Тут за шофёра вступается вторая дочь главного директора, Пуран,— она вернулась недавно из Европы, где усвоила светские манеры. Будучи ярой феминисткой и вообще сторонницей демократии, Пуран не бьёт даже кошек и собак, а к слугам обращается не иначе, как на «вы».
— Мамочка,— говорит она вкрадчивым голосом,— он же не виноват, что машина такая широкая, а переулки такие узкие. Ведь эти переулки не предназначены для таких машин…
— Ты бы лучше заткнулась! — с яростью раненого тигра огрызается мать.— Что лезешь в чужой разговор? Бесстыжая девка! Побывала в Париже, так думаешь можно забыть об уважении к родителям! Ни стыда, ни совести у тебя нет! Не нравится слушать, проваливай из машины! А ну, марш под крылышко к своему беспутному отцу!
Пришлось наконец вмешаться сестре госпожи:
— Сестрица, зря ты нервничаешь, стоит ли тратить своё драгоценное время… Вся эта история яйца выеденного не стоит! Шофёр не виноват.
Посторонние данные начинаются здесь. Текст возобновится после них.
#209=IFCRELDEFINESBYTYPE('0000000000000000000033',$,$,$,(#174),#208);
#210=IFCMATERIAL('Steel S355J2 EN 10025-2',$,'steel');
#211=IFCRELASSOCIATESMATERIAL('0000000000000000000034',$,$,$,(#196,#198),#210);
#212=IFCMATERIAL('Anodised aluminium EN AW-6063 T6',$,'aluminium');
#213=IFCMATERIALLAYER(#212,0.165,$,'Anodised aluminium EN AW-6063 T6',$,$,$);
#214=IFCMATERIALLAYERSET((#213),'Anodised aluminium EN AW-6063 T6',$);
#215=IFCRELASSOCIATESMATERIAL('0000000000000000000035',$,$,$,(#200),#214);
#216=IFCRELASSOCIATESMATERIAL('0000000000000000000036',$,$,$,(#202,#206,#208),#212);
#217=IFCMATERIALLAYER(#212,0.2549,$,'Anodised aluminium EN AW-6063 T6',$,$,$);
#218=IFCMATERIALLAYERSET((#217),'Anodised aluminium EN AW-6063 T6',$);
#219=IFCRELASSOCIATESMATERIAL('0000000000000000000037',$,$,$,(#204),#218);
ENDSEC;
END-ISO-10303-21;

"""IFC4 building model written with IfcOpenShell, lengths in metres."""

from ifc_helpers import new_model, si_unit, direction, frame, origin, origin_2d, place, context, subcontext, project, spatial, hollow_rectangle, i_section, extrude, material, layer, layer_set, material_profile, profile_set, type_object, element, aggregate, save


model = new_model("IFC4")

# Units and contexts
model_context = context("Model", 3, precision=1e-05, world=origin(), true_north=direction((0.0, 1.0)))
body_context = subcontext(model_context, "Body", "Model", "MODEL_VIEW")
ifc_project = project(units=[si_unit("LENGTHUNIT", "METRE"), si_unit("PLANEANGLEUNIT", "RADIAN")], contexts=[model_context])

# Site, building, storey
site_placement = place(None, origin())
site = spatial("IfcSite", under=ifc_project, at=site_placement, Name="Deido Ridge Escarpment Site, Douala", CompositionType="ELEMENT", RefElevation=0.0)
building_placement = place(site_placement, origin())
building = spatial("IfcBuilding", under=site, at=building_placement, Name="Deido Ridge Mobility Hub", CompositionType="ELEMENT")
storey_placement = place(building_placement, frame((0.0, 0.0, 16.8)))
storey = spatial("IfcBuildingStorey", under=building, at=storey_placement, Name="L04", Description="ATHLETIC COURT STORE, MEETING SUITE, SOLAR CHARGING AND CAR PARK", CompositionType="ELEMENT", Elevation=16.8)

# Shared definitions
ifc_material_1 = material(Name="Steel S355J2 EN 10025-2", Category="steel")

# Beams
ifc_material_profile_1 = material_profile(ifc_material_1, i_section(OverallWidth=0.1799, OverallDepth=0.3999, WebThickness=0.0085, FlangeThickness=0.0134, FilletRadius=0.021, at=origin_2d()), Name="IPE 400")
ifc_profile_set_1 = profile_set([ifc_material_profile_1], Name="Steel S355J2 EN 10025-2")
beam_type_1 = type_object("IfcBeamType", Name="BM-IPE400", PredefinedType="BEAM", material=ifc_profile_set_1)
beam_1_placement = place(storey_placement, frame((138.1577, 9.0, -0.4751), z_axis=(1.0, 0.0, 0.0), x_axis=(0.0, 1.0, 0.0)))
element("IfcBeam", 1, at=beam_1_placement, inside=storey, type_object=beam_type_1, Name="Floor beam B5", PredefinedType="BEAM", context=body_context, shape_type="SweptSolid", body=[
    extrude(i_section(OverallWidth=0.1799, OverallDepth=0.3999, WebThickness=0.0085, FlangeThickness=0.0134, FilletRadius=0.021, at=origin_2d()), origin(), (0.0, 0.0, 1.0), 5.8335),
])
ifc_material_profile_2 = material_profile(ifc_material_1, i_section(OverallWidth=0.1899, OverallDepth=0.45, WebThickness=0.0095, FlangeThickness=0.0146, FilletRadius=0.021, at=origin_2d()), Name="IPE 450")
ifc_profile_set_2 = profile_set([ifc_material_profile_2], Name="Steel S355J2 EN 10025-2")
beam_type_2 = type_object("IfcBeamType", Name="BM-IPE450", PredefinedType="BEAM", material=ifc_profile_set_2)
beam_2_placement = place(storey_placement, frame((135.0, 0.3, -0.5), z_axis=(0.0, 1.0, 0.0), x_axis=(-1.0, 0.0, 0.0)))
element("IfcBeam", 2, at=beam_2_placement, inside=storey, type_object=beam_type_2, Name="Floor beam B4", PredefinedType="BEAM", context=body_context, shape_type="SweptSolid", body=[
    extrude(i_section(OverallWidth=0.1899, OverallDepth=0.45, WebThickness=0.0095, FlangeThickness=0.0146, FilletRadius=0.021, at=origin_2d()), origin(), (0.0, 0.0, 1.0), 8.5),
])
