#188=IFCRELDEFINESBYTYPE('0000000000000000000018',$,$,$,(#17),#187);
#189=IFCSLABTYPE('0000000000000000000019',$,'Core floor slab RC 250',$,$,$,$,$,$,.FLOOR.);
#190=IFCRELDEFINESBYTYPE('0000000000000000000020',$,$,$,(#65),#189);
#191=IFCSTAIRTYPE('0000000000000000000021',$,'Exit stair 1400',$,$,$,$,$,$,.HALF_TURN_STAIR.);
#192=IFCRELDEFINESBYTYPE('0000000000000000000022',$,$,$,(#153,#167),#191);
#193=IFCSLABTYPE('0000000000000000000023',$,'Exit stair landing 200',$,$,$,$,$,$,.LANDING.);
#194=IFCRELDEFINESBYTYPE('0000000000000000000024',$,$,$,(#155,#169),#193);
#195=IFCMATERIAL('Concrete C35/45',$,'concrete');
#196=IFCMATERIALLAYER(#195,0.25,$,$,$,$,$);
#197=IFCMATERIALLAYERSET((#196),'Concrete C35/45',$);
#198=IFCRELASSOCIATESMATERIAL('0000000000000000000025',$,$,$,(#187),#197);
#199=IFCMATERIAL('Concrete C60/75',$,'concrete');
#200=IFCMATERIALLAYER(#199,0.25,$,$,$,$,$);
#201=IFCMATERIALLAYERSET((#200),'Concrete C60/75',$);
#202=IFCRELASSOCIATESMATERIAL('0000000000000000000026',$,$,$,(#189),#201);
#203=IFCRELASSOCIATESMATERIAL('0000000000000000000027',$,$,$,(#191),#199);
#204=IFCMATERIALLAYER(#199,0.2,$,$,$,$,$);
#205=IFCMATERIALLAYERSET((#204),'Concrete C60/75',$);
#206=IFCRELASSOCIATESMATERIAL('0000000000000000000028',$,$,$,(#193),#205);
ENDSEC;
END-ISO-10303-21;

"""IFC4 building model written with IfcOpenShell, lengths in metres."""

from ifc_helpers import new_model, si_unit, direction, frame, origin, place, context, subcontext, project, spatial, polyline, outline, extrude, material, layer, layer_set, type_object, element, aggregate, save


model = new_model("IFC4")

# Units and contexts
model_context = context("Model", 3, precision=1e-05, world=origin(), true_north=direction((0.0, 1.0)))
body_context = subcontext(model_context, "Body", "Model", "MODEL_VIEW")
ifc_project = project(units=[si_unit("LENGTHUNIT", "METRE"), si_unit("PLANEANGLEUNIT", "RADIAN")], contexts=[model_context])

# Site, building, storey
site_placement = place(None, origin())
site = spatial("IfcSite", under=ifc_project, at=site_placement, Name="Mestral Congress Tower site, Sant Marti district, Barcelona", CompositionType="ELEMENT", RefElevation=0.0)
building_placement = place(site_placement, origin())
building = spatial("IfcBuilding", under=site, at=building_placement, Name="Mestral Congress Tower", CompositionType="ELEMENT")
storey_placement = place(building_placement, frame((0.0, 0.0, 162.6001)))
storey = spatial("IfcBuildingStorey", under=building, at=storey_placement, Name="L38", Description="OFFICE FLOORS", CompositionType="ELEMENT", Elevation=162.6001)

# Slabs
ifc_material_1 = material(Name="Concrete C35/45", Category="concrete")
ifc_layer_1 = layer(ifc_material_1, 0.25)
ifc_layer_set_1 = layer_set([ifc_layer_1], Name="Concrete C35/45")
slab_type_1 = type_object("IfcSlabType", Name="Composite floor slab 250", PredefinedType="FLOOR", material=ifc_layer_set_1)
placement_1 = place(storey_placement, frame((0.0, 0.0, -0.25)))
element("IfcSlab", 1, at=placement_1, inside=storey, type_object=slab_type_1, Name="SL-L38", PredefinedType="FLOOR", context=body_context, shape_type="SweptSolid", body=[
Господь бог наказал его. Пусть делает своё дело. Помолись Аллаху, и машина сама тронется. А ты, Пуран,— обратилась она к племяннице,— спятила, что ли? Посреди улицы ни с того ни с сего — мать учить?! Всему своё место и время. Иди извинись, поцелуй руку матери. Пусть она тебя тоже поцелует и перестанет сердиться…
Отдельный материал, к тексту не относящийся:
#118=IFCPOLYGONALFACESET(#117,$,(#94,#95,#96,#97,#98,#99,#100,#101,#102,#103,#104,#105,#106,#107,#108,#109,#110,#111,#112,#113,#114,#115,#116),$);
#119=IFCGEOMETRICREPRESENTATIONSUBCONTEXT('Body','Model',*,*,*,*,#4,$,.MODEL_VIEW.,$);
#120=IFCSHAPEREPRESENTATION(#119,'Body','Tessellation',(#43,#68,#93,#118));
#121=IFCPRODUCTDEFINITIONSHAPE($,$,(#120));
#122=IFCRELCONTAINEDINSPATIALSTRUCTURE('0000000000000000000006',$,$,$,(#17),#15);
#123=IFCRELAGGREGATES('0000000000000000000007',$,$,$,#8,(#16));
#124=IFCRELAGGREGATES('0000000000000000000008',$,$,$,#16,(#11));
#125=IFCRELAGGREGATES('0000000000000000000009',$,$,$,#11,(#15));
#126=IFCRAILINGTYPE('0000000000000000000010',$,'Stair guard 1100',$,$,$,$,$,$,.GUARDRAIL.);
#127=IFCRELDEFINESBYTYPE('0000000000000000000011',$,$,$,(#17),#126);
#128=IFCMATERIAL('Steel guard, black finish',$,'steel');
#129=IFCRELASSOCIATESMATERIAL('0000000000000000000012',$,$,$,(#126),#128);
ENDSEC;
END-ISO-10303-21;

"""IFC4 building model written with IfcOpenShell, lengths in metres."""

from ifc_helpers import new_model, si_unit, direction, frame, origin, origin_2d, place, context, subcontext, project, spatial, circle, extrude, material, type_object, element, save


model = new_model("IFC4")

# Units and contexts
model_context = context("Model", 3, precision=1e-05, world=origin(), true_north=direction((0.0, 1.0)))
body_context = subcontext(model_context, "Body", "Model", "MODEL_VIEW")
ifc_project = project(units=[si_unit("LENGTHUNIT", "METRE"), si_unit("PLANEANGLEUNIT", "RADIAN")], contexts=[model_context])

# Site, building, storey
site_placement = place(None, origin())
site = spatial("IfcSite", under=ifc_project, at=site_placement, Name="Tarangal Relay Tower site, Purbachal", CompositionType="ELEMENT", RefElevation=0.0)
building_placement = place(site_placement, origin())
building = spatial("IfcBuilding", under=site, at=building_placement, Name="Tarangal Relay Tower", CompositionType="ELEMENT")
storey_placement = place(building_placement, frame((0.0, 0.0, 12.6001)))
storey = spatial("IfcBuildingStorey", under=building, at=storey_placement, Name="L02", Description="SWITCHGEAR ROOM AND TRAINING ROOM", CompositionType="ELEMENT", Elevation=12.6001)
Только разве такими словами госпожу успокоишь? Словно вода в кальяне, она продолжает бурлить:
— Все они с-с-сукины дети!.. Уж теперь-то мне совершенно ясно, что они водят нас за нос! Прикидываются голодными да бездомными, милостыню клянчут, а сами живут-поживают не хуже нас!.. Уж такие они жалкие, такие несчастные, а сами в матрацы золото да серебро прячут… Посмотрите-ка на их сытые рожи! Они же издеваются над нами… А я, глупая баба, разжалобилась, клюнула, попалась на ихнюю удочку! Сукины дети! Все они сволочи!.. Лучше бы я не приезжала сюда… Это во всем проклятая Согра виновата, командует нами, как ей заблагорассудится… Ну, теперь уж я дам зарок не делать подобных глупостей! Нет, меня больше не проведёшь! Это мне урок на всю жизнь…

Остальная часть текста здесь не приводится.